When analysing the resulting class reconstructions, it is extremely useful to also look at them in slices, not only as a thresholded map in for example UCSF chimera. In the slices view you will get a much better impression of unresolved heterogeneity, which will show up as fuzzy or streaked regions in the slices. Slices also give a good impression of the flatness of the solvent region. Use the Display: button and select any of the reconstructions from the last iteration to open a slices-view in relion.

When looking at your rendered maps in 3D, e.g. using UCSF chimera, it is often a good idea to fit them all into the best one, as maps may rotate slightly during refinement. In chimera, we use the [Tools]-[Volume Data]-[Fit in Map] tool for that. For looking at multiple maps alongside each other, we also like the [Tools]-[Structure Comparison]-[Tile Structures] tool, combined with the independent center-of-rotation method on the Viewing window.

As was the case for the 2D classification, one can again use the Subset selection to select a subset of the particles assigned to one or more classes. On the I/O tab select the _model.star file from the last iteration. The resulting display window will show central slices through the 4 refined models. Select the best classes, and save the corresponding particles using the right-mouse pop-up menu. Use an alias like class3d_first_exhaustive.

Analysing the results in more detail

Note

Again, if you are in a hurry to get through this tutorial, you can skip this sub-section.

It contains more detailed information for the interested reader.

The output files are basically the same as for the 2D classification run (we’re actually using the same code for 2D and 3D refinements). The only difference is that the map for each class is saved as a separate MRC map, e.g. run_it025_class00?.mrc, as opposed to the single MRC stack with 2D class averages that was output before.

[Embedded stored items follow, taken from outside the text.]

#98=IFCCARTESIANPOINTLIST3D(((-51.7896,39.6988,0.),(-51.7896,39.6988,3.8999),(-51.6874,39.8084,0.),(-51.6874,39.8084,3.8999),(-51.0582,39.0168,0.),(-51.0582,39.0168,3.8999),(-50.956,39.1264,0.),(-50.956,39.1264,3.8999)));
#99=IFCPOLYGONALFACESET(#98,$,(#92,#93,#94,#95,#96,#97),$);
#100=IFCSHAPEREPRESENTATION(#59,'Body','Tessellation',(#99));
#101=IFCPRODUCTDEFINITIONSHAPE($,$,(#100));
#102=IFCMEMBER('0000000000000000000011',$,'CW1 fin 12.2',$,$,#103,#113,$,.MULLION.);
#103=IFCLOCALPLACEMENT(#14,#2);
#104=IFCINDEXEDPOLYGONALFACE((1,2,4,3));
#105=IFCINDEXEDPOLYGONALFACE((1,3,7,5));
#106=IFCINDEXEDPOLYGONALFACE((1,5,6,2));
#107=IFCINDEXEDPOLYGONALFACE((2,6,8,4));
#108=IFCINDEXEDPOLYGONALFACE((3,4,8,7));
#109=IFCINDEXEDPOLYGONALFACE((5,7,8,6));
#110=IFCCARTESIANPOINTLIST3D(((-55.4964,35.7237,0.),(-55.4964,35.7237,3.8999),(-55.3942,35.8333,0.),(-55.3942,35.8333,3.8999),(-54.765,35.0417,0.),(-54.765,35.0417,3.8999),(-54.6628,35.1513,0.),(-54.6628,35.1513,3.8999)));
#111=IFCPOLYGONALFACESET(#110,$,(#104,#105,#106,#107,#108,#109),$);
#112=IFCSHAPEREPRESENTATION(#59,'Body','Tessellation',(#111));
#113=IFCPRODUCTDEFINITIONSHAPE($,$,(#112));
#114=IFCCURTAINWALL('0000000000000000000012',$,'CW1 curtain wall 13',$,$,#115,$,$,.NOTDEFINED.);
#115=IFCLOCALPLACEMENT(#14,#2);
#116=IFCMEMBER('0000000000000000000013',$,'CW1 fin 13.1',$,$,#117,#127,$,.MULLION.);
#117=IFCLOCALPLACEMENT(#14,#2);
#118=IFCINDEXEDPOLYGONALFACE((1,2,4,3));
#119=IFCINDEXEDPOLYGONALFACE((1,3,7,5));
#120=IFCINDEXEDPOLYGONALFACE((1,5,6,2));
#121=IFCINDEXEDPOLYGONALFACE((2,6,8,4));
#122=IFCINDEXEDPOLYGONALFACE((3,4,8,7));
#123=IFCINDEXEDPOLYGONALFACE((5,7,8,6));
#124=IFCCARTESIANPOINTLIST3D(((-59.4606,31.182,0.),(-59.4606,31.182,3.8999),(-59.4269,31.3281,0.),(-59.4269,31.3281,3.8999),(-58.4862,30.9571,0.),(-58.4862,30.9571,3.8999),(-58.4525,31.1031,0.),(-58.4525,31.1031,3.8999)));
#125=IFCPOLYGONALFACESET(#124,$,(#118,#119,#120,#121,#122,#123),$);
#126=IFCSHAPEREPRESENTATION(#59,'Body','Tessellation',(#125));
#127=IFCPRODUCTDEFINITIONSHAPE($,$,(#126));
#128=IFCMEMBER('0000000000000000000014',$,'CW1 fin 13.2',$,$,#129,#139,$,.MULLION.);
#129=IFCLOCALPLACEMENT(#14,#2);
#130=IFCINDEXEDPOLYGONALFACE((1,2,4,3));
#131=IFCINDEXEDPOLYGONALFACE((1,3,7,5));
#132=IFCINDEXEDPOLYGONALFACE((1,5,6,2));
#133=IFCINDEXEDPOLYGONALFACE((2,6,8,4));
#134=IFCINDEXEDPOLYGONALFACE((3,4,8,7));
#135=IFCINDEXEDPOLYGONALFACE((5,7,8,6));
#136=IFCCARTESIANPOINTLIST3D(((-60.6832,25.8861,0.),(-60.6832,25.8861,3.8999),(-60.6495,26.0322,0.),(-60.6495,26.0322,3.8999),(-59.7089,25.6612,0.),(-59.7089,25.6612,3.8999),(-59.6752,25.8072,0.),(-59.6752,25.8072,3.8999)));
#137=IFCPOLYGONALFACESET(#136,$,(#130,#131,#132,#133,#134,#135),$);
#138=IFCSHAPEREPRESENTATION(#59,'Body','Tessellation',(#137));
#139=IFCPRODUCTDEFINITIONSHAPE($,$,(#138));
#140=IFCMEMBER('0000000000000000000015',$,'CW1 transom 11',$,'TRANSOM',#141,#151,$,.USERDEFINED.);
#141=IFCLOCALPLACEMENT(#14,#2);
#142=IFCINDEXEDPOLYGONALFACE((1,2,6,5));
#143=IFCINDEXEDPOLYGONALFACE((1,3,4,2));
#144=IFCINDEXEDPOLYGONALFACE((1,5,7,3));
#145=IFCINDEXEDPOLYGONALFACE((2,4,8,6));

As before, smaller classes will be low-pass filtered more strongly than large classes, and the spectral signal-to-noise ratios are stored in the data_model_class_N tables (with \(N=1,\dots,K\)) of the _model.star files. Perhaps now is a good time to introduce two handy scripts that are useful to extract any type of data from star files. Try typing:

relion_star_printtable Class3D/first_exhaustive/run_it025_model.star
  data_model_class_1 rlnResolution rlnSsnrMap

It will print the two columns with the resolution (rlnResolution) and the spectral signal-to-noise ratio (rlnSsnrMap) from table data_model_class_1 to the screen. You could redirect this to a file for subsequent plotting in your favourite program. Alternatively, if gnuplot is installed on your system, you may type:

relion_star_plottable Class3D/first_exhaustive/run_it025_model.star
  data_model_class_1 rlnResolution rlnSsnrMap

To check whether your run had converged, (as mentioned above) you could also monitor:

grep _rlnChangesOptimalClasses Class3D/first_exhaustive/run_it???_optimiser.star

As you may appreciate by now: the star files are a very convenient way of handling many different types of input and output data. Linux shell commands like grep and awk, possibly combined into scripts like relion_star_printtable, provide you with a flexible and powerful way to analyze your results.